The last bulwark

Now that our daughter Nadja has victoriously returned home after a four year tour of duty in college, I had to work rather quickly to help everyone find and adjust their places in the household accordingly. In an attempt to head off what could have become a pecking order struggle between her and her next brother down, I advised Nadja to assume the position of the youngest adult in the household, rather than the oldest child. Now that she is “in the company of educated men and women,” Nadja is fully equipped to do what every responsible adult must do: that is, preserve, protect, and defend Western Civilization from the barbarian “culture” that surrounds and threatens it.

Let’s face it: We live in not only a post-modern or what some call a “post-Christian” world. We live in a post-civilized society. Western Civilization has largely been reduced to a high school course offering. In fact, in most high schools, the very concept of Western Civilization has been swallowed up by “World Cultures,” or Global History. It’s not that I have anything against African artistic expression or Chinese scientific advancements. It’s that I want my children to know who they are by understanding what they have inherited.

Since Nadja’s return, both the quantity and quality of films playing around the house has gone up. Too old to sleep in, her adolescence has given way to early morning screenings. Probably just beginning to realize how exhausted she really is, Nadja’s first week home has been filled with movie watching.

Generally, I wouldn’t be too thrilled with the constant stream of dialogue and soundtrack swells. But Nadja’s film repertoire reflects and promotes the hallmarks of Western Civilization. Films like “Judgment at Nuremberg,” “The Search,” classic Westerns and historical epics -- all of which were made before she was born, and many of which were made before I was born --demonstrate values we used to share, values that we could point to as the basis of our collective greatness.

So just what does lie at the core of Western Civilization? Here’s my list:

1. Belief in God and what is due to him

2. The value of each human life and the dignity of the human person

3. Joy in the complementarity of masculine and feminine

4. Reverence for all living things

5. Public virtue as an integral part of personal integrity

6. Freedom understood as the ability to use one’s gifts fully and responsibly, and in a way that advances the freedom of others

7. Civility and a proper respect for the difference between public and private

8. The value of -- and need for -- truth, trust, and honest self-evaluation

9. Self-reliance placed at the service of others

10. Rational thought governing emotional tides

11. The rule of law and its just application

12. Belief in what transcends not only the self, but this world

13. Aspiration to excellence and the willingness to work for it

14. Reverence for the beautiful as expressed in the arts

15. Belief in the nobility of man and the value of virtue and self-sacrifice

16. The value of the printed word

17. Scientific innovation with a moral conscience

18. Proper use of things and respect for personal property

19. A collective attention span long enough to build a cathedral

20. True hospitality and generosity, which offers another one’s best, not merely one’s surplus

21. The value of the family and one’s place within it

22. Decorum, table manners, and general cleanliness

23. Seeing the world as ordered and designed

24. The willingness to make commitments and the perseverance to keep them

25. The ability to give and accept meaningful correction

26. Respect for authority and experience

27. Recognition of the proper use of the power of symbol, sign, and ritual 

28. The value and dignity of work

29. Modesty and humility without self-deprecation

30. Courage without bravado

31. Valuing honor over reward

32. A sense of the sacred and the value of solitude

33. Self-discipline and moderation of appetites and desires

34. The distinction between the good and the pleasurable

35. Collaboration with others towards a common goal

These are values we have historically not only fought and died for, but what individuals and even nations stood for. Those who promote the “whatever culture” in which we live are the Visigoths and Vandals of our time. Sadly, Western Civilization is mostly a thing of the past. While I don’t know about anyone else, I, for one, do not intend to raise children who are essentially a small barbarian horde. 

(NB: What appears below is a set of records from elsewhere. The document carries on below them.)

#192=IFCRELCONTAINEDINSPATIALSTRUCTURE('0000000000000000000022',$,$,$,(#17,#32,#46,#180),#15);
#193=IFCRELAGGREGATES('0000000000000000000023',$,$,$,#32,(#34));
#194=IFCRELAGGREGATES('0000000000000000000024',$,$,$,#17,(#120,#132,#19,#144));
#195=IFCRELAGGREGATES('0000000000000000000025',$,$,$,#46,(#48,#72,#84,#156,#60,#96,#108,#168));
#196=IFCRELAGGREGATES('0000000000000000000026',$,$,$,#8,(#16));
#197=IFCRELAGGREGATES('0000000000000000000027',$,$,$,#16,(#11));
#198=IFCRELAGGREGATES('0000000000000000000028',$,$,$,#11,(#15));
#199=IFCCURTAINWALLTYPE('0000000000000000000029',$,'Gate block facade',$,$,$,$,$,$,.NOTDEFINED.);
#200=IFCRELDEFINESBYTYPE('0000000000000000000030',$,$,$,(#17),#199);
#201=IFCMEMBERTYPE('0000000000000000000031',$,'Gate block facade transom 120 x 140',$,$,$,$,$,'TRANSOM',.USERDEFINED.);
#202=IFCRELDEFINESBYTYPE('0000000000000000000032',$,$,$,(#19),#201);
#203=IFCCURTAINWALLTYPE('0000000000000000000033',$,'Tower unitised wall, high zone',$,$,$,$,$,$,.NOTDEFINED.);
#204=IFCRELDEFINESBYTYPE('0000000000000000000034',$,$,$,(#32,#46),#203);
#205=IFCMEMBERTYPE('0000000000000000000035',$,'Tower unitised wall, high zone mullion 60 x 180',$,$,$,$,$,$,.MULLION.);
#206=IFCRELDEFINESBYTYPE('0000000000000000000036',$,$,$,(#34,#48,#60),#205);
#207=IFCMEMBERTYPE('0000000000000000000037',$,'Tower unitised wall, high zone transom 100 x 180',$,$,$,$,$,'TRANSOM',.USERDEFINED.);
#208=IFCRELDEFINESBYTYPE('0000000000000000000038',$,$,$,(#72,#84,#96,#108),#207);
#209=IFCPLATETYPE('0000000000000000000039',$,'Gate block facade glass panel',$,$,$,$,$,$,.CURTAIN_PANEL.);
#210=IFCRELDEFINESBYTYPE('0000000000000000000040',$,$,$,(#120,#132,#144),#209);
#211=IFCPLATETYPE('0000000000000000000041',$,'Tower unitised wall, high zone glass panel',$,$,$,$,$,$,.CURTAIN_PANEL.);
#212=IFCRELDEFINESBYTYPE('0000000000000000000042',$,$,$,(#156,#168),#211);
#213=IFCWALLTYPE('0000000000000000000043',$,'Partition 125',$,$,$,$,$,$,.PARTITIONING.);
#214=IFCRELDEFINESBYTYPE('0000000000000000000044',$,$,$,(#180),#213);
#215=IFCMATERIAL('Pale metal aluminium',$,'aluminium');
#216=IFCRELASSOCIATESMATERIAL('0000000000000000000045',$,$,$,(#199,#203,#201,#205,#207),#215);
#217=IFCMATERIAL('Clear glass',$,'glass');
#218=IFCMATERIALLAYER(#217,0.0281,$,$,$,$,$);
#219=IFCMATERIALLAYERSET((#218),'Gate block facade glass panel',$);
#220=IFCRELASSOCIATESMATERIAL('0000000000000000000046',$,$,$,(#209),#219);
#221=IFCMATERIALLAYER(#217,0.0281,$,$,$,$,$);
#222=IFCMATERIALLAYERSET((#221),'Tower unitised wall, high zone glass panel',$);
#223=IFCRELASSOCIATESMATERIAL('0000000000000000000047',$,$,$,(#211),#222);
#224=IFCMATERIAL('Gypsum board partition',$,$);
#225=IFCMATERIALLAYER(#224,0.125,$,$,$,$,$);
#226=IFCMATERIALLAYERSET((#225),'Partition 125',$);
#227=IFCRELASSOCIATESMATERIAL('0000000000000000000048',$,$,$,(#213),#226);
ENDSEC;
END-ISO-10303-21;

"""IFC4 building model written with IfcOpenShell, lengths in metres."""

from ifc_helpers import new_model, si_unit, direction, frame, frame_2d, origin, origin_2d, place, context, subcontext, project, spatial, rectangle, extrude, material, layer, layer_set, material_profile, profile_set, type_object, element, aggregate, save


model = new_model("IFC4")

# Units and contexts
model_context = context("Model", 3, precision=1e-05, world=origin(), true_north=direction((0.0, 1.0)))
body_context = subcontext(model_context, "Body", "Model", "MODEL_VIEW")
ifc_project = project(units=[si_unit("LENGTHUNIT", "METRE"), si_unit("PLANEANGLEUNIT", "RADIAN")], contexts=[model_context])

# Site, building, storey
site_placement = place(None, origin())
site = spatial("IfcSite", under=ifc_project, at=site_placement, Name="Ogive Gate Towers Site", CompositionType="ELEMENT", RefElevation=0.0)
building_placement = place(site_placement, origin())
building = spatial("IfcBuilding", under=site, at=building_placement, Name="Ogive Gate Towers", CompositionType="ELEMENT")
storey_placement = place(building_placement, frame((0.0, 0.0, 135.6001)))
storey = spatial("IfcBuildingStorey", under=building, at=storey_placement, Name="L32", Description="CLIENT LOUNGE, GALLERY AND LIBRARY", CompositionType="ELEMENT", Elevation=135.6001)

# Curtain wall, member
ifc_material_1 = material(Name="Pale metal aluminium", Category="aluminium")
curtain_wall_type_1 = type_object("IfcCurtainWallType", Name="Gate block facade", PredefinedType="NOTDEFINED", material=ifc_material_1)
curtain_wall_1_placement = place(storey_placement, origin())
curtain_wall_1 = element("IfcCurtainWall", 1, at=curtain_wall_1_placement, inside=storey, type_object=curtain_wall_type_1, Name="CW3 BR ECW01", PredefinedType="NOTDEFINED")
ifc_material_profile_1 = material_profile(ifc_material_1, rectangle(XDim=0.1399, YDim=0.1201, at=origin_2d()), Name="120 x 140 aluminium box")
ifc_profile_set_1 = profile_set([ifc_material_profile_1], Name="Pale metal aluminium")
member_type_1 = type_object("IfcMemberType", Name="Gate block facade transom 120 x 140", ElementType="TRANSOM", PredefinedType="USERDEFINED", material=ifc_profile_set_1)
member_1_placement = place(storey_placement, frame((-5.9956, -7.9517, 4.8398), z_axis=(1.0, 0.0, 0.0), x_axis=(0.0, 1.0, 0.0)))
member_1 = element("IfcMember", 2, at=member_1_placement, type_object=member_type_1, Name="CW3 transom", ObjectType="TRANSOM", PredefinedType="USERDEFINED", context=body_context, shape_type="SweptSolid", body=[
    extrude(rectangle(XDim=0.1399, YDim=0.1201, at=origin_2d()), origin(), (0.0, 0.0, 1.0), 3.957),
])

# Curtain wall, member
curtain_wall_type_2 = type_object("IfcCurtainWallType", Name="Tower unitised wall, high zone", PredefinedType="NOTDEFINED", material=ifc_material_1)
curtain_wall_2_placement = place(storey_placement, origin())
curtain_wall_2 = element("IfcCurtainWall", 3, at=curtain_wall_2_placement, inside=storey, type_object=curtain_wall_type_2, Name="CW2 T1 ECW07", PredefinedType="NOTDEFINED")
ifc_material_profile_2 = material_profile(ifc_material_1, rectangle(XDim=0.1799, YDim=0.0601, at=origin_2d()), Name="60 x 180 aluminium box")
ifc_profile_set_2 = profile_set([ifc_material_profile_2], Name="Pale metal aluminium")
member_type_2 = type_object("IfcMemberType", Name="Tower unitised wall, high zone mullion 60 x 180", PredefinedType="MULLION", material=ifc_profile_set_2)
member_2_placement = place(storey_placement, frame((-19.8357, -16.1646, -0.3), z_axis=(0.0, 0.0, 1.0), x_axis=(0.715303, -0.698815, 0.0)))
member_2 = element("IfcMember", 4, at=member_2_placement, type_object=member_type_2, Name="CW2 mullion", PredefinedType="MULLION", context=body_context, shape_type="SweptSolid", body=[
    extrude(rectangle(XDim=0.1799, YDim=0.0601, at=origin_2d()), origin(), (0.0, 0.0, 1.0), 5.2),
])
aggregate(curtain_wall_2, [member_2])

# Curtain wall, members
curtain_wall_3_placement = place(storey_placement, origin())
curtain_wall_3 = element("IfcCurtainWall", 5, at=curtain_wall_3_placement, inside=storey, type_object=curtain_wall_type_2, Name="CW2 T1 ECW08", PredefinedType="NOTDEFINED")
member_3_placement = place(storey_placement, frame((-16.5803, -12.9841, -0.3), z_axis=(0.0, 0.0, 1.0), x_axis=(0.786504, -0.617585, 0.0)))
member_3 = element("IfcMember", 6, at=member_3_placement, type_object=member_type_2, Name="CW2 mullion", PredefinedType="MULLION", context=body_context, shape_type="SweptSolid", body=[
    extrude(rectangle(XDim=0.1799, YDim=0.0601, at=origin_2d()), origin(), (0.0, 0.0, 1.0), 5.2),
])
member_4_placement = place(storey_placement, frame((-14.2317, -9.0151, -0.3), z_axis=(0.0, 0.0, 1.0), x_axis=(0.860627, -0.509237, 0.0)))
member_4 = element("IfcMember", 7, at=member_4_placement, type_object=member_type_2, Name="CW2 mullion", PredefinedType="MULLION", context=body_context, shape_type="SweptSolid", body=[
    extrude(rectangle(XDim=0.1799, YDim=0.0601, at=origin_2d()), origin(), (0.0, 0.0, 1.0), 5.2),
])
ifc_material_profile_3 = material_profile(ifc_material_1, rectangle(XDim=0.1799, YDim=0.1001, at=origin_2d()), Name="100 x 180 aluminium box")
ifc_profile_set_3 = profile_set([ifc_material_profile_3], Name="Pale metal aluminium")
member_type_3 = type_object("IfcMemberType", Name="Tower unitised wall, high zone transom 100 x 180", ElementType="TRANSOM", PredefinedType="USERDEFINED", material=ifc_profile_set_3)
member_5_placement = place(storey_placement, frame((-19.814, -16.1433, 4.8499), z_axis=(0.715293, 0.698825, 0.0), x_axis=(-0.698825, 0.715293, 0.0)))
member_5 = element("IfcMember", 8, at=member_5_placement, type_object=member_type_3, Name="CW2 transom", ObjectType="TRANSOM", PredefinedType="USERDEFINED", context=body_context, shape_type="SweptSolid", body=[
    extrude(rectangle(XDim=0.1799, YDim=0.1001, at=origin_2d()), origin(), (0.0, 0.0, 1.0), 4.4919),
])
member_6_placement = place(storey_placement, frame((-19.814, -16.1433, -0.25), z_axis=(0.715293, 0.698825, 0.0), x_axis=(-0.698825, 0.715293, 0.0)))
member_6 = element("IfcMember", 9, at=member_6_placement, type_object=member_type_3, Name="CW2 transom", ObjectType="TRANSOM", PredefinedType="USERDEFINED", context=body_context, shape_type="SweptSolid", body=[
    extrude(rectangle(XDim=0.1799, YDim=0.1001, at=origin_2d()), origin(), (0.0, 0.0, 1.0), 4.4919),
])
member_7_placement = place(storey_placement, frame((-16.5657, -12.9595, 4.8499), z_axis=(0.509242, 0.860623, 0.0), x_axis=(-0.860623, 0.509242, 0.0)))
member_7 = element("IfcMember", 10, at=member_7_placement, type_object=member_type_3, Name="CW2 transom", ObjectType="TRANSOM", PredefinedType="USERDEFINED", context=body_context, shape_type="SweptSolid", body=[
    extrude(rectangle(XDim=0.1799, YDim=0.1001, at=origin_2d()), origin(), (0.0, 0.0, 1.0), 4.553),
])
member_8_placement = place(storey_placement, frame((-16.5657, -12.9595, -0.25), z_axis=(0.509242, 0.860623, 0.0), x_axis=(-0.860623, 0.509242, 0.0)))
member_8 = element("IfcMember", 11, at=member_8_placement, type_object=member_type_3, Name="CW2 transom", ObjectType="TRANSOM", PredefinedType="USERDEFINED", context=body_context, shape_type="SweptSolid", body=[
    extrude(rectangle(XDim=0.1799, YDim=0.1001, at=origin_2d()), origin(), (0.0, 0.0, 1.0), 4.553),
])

As Spencer Tracy states in one of the closing scenes of “Judgment at Nuremberg:” “The real complaining party at the bar in this courtroom is civilization ... A country isn’t a rock. It’s not an extension of one’s self. It’s what it stands for. It’s what it stands for when standing for something is the most difficult.”

Perhaps the overarching value of Western Civilization is the willingness of nations and individuals to stand and the ability to do so when everyone else is running headlong over a cliff, or lying on a sofa. If a remnant of Western Civilization is to survive, I trust that it will be found among those who belong to the Church that first built it. After all is said and done, humanity is at its very best when it most closely follows the God who made man to bear his image.

Jaymie Stuart Wolfe is a wife and mother of eight children, and a disciple of the spirituality of St. Francis de Sales. She is an author, speaker, musician and serves as Faith Formation Coordinator at St. Maria Goretti Parish in Lynnfield.